巩帅、唐军和路晨恍然,他们想起那诡异小院里可怕的重重机关,就心有余悸,的确,假如没有于果一起前往的话,他们全都要折在那里,而且尸体一样惨不忍睹。
“可又有谁能怀疑到他韩大少的身上呢?他是欧洲留学回来,儒雅博学,风度翩翩,而且还有些高冷,说他会木匠活儿,谁信呢?”
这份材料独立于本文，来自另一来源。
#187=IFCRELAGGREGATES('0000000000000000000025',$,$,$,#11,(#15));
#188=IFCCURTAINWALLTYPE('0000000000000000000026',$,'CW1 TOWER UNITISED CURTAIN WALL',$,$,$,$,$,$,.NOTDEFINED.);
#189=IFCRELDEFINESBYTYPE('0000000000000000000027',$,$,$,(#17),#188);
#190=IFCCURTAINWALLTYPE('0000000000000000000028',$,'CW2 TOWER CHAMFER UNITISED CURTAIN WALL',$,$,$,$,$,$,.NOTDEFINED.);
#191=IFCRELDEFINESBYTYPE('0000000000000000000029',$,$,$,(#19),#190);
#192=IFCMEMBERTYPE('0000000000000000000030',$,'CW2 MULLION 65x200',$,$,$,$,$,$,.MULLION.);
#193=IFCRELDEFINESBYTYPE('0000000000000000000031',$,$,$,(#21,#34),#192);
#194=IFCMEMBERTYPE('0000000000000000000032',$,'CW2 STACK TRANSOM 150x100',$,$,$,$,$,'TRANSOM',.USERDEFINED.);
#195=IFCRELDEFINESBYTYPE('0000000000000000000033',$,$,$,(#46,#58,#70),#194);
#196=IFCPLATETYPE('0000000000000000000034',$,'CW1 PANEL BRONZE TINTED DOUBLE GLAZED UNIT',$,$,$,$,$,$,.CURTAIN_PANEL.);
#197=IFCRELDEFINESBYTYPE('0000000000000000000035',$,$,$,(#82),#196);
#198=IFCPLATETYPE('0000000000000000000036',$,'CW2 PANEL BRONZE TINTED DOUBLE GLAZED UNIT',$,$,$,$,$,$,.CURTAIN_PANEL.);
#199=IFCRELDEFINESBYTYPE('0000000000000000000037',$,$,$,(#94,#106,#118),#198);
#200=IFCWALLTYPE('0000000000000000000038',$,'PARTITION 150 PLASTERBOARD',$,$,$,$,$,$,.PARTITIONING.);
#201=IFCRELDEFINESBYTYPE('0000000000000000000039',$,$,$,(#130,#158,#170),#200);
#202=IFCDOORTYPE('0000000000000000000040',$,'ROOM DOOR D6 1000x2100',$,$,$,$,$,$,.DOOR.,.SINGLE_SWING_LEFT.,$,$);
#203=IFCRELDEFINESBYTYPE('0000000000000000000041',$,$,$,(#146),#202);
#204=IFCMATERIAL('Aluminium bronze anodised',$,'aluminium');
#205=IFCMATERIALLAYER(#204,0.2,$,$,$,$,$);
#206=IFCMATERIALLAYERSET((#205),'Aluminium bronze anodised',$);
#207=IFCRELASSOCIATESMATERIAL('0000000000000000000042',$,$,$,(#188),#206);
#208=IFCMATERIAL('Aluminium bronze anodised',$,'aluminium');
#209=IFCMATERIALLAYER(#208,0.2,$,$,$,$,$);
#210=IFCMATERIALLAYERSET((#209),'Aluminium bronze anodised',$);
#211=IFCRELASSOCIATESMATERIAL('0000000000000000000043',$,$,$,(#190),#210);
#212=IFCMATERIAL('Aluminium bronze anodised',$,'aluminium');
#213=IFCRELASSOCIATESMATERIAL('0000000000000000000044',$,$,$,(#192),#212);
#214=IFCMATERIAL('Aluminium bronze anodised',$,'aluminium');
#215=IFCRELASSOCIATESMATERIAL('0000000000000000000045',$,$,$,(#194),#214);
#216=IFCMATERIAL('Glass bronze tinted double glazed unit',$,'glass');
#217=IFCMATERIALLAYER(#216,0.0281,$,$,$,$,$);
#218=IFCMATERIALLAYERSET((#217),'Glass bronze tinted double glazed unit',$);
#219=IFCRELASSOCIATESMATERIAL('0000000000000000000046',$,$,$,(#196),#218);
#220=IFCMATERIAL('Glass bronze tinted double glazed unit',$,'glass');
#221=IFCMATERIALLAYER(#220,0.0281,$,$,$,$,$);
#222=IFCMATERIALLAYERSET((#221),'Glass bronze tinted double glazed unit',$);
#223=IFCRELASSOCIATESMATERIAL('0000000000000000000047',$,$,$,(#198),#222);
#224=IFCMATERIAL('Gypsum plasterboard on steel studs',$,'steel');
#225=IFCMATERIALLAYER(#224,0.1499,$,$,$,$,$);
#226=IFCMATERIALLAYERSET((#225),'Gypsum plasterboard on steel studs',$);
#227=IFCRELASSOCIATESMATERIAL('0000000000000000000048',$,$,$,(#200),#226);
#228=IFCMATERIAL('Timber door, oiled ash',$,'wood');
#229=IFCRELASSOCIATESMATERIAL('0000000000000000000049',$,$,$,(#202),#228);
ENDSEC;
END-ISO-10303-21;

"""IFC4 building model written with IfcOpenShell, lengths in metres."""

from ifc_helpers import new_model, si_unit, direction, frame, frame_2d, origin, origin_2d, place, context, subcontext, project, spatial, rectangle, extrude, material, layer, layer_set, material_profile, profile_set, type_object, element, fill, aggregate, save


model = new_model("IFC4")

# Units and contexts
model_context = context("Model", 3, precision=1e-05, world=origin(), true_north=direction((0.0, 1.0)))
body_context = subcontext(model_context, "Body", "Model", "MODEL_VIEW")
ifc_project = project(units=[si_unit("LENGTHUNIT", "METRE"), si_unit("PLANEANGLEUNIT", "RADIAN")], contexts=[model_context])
庞芳抖动着苍白的嘴唇:“不……不是……我儿子不是这样的……”
于果怜悯地看了她一眼,说:“庞女士,首先他不是你的儿子,尽管你爱他胜过一切。可你的所作所为,也真没资格奢谈什么‘爱’了。而你的养子张连,也就是韩金匙,他对你也从来没有过爱,哪怕在知道你是杀害他亲生母亲的凶手之前,他的心早就死了,你给他的那些富裕生活,来得太迟了。他不会再被任何人、任何事感动了。”
庞芳嚎啕大哭,声音沙哑而又凄厉,和她之前一直给人定型的霸道女强人形象完全不符。
童雅诗、谭晶晶和张晓影看在眼里,心下也颇为恻然,同时,也对这个人间惨剧感到心惊胆战。
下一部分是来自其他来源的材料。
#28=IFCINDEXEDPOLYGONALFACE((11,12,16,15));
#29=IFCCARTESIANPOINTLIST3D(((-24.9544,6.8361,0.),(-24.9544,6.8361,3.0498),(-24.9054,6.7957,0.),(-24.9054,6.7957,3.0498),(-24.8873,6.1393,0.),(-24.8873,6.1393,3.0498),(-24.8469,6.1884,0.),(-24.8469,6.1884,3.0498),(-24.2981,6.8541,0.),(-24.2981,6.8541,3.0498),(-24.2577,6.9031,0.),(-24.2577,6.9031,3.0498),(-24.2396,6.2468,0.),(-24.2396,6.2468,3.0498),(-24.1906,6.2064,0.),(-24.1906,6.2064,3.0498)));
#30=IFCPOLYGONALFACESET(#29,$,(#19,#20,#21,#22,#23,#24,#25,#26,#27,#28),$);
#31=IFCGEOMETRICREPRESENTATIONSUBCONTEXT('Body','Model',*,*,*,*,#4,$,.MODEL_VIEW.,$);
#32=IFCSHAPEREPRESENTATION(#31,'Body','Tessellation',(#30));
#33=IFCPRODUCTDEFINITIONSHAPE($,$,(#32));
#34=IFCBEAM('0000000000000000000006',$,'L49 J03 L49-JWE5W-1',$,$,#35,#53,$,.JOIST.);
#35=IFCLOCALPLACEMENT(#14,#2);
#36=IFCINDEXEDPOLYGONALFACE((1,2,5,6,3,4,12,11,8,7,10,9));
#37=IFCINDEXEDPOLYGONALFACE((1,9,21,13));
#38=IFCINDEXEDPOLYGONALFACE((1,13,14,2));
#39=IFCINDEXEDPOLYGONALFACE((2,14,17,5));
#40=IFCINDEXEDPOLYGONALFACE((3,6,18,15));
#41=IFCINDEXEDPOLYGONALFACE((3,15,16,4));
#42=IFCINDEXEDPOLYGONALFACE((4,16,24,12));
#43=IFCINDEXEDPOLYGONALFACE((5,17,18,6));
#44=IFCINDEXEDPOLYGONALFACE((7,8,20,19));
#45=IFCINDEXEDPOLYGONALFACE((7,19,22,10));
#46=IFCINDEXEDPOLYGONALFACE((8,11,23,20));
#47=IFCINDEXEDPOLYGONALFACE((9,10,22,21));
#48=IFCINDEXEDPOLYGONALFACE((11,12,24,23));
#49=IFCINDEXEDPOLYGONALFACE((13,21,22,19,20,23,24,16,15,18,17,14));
于果继续说:“至于那个农家院里的地窖,也就是囚禁冯蓉的地方,并不是韩金匙斥重金打造的,那样实在太麻烦了,而且动静也太大,引人注意。胶东以前也有过地道战、地雷战的战役,尤其是百年前因为饥荒流民四起,挖地道也是为了保命。所以,有个地窖并不稀奇。
“从我跟小狼第一次交手,我对他产生了‘女人’的印象,其实是错误的,我分析,这是韩金匙故意再次把破案者往沟里带。他长大了,不必留着长发,但还是可以弄一团乱糟糟的长假发和一身破衣烂衫来掩盖身份,外人看到了,也以为是普通的拾荒者、乞丐或者流浪汉,甚至脑子有病的精神病患者。谁还能想到一个流浪汉身怀绝技?
“另一个让我以为他是女人的原因,也是因为他轻盈和敏捷远超常人,令我立即想到了女人。可当动手的时候,他当然还是打不过我,但我发现,他除了悍不畏死外,似乎也是在肢体接触的反应上有点迟钝。直白点说,我不认为他打不过也要打完全是因为勇敢和有责任心,想要拖延时间完成任务,更有可能是他的触觉产生了问题。
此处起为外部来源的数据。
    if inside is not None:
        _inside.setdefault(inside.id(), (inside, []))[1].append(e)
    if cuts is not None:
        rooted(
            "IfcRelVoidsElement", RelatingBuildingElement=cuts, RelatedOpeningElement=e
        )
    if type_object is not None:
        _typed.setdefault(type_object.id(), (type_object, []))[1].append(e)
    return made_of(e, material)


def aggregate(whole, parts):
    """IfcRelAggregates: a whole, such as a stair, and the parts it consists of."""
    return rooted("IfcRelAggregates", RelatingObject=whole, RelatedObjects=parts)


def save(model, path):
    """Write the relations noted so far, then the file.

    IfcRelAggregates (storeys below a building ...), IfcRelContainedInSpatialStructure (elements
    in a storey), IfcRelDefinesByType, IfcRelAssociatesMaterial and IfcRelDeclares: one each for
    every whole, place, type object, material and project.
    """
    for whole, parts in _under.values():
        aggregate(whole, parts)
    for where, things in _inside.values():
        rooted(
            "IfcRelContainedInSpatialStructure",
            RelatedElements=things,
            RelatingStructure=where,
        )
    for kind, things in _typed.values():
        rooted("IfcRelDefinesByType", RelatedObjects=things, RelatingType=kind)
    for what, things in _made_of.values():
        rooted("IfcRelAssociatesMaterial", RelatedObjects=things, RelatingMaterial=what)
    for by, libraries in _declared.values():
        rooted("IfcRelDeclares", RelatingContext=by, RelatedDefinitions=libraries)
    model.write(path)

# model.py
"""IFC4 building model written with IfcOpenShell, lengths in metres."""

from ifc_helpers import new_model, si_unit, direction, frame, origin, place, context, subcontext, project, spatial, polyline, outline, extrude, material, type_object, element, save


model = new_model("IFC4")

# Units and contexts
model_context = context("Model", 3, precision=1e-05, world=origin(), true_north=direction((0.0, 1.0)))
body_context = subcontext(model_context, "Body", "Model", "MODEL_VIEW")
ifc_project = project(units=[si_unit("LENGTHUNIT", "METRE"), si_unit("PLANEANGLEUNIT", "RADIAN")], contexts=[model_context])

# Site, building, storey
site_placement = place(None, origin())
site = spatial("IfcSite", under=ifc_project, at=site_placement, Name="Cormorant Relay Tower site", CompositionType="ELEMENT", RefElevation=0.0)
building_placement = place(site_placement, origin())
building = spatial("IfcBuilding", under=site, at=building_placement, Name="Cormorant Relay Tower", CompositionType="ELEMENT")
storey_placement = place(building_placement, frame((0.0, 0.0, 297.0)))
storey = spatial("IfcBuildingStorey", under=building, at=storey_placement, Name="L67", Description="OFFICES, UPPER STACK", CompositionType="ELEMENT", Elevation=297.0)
“我见过吸毒者(于果的目光转向了郑荣,意思当然是仲老四贩毒),他们有时候因为吸食过量毒品而产生幻觉,甚至产生了刀枪不入的感觉,对很多本该疼痛的接触感到十分麻木。可小狼这种情况却并非如此,我当时已经能初步断定,他患有无痛症,并不怕疼,因为感觉不到。
“直到他发现绝对不是我的对手时,突然选择了逃跑,决绝而又果断,这说明他有着相当丰富的搏斗经验,能够立即选择保全自己,这更像动物,加上动作也都十分粗犷难看而且偏偏十分实用,更让我感觉他也许和野生动物一起生活过。同时,我也明白,他迟钝之后突然敏感,分别是无痛症和野外战斗经验两种截然不同的原因导致的。
“再接下来就是我们抓住邱社会的一幕。当初我们遇到的那个哑巴,就是小狼本人。小狼平时用假发作为掩饰,等到暴露在光天化日之下时,把假发和破衣烂衫一扔,他就变成了一个清秀羞涩的聋哑青年,谁也看不出他的真实身份。他当年出现在邱社会面前时,从头到脚都进行了高度伪装,加上哑巴不会说话,没给邱社会留下一点特征印象。
“因此,当他以哑巴的身份出现时,其实是为了间接去提醒邱社会有警察跟踪,可惜,他不可能明确提示,因此只能先扮演一个哑巴,以便一旦现场无法收拾,就有机会和借口离开,不会引起任何人的怀疑。我当时完全没有想到这个哑巴有可能是韩金匙的左右手,但事情做得越多,破绽就会越大,最终引导我走上了正确的方向。”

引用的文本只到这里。